One step approach to QA To process the above scenarios where LLM may struggle with the queries that LLM does not answer itself, we can take advantage of external knowledge D, which includes useful information for information, which is recovered from the source of external knowledge D that can be an encyclopedia (like Wikipedia) commensurate with a tendency of documents. Specifically, to obtain such a D from D, it is necessary to have a specific retrieval model, which restores documents based on its importance with the specific query. This process can be formulated as follows: D = retriever (Q; D), where Retriever is a retrieval model, with D ∈ D. here, we can use any unavailability (Robertson et al., 1994; karpukhin et al., 2020).
This LLMS process allows access to external information in D, which can provide the supplementary context to which LLM’s internal knowledge lacks, which can be improved later in accuracy and coincidence of the LLMS of QA.

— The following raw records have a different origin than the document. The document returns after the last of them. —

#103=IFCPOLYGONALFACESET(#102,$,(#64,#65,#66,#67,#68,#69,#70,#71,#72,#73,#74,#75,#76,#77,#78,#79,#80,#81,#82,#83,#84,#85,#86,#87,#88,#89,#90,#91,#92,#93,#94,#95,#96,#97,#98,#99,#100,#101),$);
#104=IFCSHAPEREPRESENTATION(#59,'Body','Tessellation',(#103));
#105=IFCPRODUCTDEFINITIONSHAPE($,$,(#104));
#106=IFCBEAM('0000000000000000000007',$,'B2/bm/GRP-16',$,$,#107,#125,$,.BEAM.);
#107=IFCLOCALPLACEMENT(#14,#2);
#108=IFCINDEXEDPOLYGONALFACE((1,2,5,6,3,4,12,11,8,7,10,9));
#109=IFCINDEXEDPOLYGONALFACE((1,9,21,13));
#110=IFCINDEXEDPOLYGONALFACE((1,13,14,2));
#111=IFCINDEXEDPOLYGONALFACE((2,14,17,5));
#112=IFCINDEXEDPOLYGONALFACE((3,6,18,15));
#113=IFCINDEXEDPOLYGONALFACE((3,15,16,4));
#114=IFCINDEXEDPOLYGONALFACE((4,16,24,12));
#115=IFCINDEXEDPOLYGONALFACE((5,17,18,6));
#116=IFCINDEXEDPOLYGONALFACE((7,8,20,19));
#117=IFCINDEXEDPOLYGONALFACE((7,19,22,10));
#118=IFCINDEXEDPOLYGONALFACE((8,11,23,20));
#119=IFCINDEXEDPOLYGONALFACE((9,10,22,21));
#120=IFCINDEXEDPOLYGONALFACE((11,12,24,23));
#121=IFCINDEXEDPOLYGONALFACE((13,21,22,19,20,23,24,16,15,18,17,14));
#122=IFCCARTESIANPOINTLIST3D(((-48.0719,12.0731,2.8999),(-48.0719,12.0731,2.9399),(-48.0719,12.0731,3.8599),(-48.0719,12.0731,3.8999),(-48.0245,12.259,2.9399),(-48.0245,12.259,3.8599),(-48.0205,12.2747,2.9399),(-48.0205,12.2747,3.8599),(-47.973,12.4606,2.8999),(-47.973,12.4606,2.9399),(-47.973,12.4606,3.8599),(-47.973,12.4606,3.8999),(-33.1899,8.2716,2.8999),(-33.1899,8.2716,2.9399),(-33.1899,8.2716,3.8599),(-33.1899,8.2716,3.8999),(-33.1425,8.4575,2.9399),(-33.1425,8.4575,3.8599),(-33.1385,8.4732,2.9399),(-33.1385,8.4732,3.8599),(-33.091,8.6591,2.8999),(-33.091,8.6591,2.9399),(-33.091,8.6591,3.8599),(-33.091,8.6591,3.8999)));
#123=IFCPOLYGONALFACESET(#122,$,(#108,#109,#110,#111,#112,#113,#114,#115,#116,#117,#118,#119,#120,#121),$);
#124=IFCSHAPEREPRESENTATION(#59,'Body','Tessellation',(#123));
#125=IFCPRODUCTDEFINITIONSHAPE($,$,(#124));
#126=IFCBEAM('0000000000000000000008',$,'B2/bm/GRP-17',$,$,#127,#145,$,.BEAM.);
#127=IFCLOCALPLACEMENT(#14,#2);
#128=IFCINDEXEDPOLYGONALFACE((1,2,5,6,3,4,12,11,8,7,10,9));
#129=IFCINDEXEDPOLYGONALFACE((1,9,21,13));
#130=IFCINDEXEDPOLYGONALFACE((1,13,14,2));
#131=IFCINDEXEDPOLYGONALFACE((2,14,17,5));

Multiple steps for QA Although the above -mentioned approach provides significant improvements to the non -retreat of q, which requires external knowledge, it faces noticeable restrictions, especially when dealing with complex information that requires the synthesis of information from multiple source documents and logic on them. This is where the approach becomes a multi -step and logic approach for Qa is necessary.
[1] It should be noted that LLM and Retriever applications vary according to a different multi -step -steps (Trivedi et al., 2023; Press et al Therefore, the CI context may integrate no, some or all of the previous documents and answers.